Each Participant shall receive a quarterly statement reflecting his or her Participant Account balance.

     5.2 OBLIGATION OF THE COMPANY: Individual benefits under the Plan are payable as they become due solely from assets allocated to individual Plan accounts in a rabbi trust or from the general assets of the Company. To the extent a Participant or any person acquires a right to receive payments from the Company under this Plan, such right shall be no greater than the right of any unsecured creditor of the Company. Neither this Plan nor any action taken pursuant to the terms of this Plan shall be considered to create a fiduciary relationship between the Company and the Participants or any other persons or to require the establishment of a trust in which the assets are beyond the claims of any unsecured creditor of the Company.

     5.3 ESTABLISHMENT OF INVESTMENT FUNDS: The Company will establish one or more Investment Funds which will be maintained for the purpose of determining the investment return to be credited to each Participant’s Account. The Company may change the number, identity or composition of the Investment Funds from time to time. Each Participant will indicate the Investment Funds based on which amounts allocated in accordance with Articles 4 and 5 are to be adjusted.
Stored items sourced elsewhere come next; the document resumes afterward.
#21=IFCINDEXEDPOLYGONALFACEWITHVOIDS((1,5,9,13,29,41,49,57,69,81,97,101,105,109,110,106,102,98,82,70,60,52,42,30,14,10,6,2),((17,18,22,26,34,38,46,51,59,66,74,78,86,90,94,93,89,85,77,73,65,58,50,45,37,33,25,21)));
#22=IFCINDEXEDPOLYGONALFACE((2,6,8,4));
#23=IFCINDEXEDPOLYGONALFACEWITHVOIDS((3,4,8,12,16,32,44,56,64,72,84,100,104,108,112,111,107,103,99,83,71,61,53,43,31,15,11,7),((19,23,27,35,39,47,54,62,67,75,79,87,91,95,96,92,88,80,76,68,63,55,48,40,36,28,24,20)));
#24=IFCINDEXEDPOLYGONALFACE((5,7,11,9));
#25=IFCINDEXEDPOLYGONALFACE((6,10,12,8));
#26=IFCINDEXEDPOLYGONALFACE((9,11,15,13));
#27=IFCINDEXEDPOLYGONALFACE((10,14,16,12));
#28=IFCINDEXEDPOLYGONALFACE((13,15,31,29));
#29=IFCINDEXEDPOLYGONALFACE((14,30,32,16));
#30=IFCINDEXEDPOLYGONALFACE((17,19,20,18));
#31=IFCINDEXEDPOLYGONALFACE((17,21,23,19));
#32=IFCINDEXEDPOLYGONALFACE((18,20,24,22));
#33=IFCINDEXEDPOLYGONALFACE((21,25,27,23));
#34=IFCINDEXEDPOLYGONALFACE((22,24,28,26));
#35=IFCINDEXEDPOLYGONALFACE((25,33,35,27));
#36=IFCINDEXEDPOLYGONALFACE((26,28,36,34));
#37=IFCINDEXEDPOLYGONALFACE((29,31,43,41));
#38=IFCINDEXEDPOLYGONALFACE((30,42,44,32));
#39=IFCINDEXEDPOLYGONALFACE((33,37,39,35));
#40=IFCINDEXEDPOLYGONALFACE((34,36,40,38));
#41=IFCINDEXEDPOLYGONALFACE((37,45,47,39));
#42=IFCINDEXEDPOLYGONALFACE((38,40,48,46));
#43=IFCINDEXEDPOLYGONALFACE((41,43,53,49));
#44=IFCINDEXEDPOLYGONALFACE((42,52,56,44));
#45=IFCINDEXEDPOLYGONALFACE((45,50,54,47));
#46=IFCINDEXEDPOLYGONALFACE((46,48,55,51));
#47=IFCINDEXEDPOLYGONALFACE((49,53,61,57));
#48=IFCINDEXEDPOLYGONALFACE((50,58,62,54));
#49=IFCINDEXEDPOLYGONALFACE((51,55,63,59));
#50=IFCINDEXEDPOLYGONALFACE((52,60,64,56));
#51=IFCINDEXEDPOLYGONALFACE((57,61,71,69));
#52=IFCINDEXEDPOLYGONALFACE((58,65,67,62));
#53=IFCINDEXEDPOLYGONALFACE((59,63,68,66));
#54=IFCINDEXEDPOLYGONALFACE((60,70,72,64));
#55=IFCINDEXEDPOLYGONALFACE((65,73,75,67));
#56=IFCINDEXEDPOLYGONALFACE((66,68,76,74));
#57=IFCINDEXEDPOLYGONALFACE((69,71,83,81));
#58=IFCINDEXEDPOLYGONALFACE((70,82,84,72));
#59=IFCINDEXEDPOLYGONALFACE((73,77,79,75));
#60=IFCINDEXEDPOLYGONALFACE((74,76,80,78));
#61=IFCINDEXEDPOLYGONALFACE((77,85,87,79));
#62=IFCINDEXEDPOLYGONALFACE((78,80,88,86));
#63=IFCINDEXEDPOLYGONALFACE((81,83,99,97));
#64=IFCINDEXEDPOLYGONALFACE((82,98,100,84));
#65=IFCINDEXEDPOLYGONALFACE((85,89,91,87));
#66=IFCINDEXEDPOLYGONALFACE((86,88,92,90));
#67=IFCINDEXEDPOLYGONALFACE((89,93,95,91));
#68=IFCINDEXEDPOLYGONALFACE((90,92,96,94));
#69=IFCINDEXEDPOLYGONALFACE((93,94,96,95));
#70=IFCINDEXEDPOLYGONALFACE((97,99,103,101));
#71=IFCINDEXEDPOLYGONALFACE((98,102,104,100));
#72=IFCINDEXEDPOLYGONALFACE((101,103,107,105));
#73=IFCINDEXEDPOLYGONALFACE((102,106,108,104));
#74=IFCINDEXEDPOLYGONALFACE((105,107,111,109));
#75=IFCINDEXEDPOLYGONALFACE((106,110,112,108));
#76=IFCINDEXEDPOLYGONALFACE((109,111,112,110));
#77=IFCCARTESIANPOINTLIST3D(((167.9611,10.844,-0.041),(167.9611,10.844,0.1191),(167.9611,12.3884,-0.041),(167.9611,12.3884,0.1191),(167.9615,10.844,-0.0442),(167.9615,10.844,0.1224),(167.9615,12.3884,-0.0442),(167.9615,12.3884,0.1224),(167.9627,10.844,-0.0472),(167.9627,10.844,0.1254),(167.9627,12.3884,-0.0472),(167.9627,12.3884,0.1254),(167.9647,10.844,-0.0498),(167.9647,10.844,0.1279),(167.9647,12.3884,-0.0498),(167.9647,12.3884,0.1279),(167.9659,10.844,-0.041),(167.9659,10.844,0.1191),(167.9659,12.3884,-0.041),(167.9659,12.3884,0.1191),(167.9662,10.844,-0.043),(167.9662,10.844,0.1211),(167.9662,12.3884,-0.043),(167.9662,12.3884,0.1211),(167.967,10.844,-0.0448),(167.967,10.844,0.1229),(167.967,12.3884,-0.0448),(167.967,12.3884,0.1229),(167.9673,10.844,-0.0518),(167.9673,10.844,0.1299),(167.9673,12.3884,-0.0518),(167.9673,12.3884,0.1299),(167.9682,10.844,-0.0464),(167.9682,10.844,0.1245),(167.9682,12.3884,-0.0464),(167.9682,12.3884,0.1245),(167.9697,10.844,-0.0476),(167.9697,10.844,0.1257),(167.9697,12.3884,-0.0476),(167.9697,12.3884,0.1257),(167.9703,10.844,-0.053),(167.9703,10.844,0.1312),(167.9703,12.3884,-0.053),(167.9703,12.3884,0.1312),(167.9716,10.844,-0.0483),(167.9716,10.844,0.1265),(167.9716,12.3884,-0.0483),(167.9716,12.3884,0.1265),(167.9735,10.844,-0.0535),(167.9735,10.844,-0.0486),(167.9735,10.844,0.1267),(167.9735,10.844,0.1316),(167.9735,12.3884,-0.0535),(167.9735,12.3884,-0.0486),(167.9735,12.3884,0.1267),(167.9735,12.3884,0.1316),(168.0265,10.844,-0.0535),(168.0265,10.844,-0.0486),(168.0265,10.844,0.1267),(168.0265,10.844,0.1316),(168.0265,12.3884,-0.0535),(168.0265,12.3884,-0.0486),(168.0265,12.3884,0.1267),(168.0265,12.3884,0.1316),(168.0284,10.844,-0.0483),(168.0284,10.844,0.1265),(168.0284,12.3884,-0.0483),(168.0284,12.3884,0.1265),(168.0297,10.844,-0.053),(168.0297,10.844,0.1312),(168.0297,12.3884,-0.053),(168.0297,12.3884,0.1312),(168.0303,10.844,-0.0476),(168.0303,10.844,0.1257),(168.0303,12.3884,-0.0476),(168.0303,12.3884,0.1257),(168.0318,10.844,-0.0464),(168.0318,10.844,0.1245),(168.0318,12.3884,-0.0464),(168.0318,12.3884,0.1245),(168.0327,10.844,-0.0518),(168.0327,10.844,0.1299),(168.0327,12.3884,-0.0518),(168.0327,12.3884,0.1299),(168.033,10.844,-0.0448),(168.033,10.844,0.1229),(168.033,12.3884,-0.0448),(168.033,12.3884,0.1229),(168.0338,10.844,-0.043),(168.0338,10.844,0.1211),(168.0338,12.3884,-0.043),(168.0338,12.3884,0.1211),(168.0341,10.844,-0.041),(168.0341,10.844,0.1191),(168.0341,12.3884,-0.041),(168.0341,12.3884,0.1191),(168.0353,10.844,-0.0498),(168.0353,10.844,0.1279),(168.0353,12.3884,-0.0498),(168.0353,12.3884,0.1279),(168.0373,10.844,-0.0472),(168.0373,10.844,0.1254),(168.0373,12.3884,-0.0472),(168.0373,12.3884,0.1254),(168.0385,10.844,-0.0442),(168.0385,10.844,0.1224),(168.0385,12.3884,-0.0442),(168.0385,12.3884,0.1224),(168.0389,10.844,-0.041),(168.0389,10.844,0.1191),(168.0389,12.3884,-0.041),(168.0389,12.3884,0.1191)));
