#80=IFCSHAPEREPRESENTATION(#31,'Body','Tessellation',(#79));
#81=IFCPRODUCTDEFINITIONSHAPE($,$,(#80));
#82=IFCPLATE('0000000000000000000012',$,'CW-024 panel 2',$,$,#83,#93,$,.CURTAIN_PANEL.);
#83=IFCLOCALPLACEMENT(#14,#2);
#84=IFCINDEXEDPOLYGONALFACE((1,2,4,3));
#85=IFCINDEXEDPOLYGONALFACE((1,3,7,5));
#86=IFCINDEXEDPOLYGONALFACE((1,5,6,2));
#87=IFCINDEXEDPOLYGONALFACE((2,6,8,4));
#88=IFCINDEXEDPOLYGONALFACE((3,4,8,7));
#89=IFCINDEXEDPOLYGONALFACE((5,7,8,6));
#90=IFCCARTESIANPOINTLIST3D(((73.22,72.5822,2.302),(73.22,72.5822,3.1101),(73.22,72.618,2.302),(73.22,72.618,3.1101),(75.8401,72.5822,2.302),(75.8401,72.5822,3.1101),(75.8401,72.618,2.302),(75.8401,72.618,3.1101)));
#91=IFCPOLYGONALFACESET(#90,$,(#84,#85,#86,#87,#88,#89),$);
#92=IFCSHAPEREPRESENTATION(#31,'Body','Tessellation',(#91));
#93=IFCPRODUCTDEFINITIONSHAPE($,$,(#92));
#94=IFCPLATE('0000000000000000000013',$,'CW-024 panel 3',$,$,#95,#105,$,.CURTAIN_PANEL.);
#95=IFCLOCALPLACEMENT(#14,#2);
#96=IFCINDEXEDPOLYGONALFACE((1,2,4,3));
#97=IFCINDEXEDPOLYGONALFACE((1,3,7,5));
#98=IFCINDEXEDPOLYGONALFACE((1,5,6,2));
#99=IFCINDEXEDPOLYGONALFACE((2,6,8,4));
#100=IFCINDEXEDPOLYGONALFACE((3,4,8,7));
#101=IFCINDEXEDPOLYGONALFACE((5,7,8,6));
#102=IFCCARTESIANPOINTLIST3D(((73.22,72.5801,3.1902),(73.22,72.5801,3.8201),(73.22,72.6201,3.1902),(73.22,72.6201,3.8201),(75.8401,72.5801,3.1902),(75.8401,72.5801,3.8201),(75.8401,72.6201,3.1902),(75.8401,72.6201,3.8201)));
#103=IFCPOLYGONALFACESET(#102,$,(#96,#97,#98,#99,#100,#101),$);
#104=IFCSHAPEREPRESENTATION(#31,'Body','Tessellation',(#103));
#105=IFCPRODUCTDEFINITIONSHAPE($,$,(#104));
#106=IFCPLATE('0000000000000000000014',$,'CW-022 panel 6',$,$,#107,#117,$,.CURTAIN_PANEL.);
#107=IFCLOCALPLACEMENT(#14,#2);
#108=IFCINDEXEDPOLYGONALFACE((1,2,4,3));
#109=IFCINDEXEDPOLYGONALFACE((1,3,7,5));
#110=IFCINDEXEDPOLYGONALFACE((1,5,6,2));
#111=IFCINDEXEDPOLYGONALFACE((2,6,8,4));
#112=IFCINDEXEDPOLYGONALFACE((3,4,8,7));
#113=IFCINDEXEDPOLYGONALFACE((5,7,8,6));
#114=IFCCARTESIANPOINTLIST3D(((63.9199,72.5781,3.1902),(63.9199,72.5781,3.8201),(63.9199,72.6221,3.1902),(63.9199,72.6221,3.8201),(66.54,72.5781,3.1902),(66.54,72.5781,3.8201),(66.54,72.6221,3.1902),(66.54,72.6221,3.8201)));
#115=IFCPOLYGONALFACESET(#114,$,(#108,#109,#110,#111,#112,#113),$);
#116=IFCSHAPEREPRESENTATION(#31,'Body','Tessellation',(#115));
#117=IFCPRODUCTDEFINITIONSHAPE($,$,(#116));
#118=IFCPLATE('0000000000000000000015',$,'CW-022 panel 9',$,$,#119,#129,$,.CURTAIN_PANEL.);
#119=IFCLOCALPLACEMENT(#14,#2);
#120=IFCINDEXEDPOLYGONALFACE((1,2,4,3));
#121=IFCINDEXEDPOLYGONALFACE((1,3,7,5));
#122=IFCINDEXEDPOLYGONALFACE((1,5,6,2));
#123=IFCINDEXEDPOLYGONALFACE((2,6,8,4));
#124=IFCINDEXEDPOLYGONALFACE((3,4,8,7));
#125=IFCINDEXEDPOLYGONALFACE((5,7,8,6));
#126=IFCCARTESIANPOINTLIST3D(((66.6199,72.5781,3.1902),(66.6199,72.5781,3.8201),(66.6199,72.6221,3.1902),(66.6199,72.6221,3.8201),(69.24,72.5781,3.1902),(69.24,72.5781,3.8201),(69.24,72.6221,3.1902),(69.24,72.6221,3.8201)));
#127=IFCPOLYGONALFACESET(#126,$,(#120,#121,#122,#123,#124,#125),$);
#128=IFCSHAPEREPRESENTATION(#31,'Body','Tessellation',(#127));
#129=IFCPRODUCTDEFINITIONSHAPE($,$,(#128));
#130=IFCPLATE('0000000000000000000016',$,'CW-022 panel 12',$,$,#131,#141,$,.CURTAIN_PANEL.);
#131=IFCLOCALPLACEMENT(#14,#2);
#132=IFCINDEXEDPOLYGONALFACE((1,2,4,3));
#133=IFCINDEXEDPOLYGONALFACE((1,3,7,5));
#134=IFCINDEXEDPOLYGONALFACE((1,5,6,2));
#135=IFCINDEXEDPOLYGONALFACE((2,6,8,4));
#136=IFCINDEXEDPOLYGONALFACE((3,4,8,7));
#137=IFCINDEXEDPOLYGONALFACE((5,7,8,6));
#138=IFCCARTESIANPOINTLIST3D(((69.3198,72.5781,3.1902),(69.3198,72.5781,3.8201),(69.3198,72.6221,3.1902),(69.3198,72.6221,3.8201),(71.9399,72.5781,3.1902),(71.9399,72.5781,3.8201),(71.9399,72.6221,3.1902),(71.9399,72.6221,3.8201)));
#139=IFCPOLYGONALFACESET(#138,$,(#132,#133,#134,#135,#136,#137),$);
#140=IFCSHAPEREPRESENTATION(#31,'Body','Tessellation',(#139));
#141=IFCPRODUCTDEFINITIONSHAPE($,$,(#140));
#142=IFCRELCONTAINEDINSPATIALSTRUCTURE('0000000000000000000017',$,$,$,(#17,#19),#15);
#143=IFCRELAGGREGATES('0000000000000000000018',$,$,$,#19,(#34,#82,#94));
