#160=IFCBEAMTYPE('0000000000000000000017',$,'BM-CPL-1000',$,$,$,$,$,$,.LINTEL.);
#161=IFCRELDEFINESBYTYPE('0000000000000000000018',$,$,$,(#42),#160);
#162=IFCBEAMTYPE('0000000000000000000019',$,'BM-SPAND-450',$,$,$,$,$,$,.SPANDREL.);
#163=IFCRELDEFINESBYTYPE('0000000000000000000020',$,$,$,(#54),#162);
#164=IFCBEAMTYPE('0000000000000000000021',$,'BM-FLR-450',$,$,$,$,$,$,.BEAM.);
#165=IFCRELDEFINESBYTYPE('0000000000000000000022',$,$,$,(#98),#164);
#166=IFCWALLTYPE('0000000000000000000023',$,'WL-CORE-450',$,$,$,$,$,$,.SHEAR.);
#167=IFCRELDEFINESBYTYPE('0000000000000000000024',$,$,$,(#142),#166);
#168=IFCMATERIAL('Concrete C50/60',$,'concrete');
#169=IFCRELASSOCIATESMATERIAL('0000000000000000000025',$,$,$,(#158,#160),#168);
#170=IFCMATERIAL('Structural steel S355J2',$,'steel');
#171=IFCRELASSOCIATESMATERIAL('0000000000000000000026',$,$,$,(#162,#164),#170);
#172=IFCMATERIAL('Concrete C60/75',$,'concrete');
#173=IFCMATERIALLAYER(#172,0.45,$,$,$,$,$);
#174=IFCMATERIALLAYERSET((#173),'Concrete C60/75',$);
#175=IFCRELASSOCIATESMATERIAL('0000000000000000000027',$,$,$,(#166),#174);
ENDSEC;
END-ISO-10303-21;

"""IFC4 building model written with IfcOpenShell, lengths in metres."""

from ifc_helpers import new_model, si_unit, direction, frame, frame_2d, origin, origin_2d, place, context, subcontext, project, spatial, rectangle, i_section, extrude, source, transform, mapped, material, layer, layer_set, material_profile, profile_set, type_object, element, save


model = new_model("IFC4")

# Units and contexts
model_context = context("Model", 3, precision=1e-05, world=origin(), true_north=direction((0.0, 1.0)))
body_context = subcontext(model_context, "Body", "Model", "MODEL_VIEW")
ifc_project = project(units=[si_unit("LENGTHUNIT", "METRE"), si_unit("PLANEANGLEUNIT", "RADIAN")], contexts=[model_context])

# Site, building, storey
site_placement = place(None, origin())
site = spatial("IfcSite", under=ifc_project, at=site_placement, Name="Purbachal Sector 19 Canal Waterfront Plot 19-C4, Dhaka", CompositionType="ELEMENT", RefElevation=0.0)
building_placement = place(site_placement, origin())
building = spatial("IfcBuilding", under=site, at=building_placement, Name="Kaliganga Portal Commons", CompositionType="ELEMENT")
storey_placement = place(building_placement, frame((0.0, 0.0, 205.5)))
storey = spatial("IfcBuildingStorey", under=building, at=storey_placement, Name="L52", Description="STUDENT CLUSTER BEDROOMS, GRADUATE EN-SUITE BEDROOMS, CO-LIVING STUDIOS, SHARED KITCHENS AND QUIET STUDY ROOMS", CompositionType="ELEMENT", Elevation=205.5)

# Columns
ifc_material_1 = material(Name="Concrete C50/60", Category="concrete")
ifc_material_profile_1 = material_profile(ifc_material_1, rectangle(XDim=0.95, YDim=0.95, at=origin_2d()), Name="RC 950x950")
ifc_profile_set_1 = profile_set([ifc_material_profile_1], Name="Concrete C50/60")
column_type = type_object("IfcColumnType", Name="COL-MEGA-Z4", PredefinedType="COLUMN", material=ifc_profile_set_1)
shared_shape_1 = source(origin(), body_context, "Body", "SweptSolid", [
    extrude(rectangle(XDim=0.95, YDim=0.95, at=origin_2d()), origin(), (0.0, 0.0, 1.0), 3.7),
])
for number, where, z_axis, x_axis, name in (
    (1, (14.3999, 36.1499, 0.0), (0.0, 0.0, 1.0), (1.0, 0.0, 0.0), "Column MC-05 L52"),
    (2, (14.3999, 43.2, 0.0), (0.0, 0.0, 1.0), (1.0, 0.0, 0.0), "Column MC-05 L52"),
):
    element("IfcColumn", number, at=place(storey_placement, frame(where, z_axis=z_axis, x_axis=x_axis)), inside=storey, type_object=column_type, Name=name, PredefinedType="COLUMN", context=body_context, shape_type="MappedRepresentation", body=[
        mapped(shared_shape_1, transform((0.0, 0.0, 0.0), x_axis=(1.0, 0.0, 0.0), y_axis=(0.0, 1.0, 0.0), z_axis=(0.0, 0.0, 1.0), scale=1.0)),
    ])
Each Participant’s Account will be increased or decreased by the net amount of investment earnings or losses that it would have achieved had it actually been invested in the deemed investments. The Company is not required to purchase or hold any of the deemed investments. Investment Fund elections must be made in a minimum of 1% increments and in such manner as the Company will specify. A Participant may change his or her Investment Fund election periodically by completing a revised Participant Election Form and delivering it to the Vice President of Human Resources. Any such change shall become effective as of the first business day coincident with or immediately following the date the Participant applies to make such change. As the Participant’s Account increases, the investment of such amounts shall remain invested in the deemed investment previously designated until the Participant requests a change in accordance with this Section or the Company no longer includes that deemed investment as one of the available Investment Funds. If a Participant fails to make an Investment Fund election, the amount in the Participant’s Account will be deemed to have been invested in a money market fund or any other fund as determined by the Company.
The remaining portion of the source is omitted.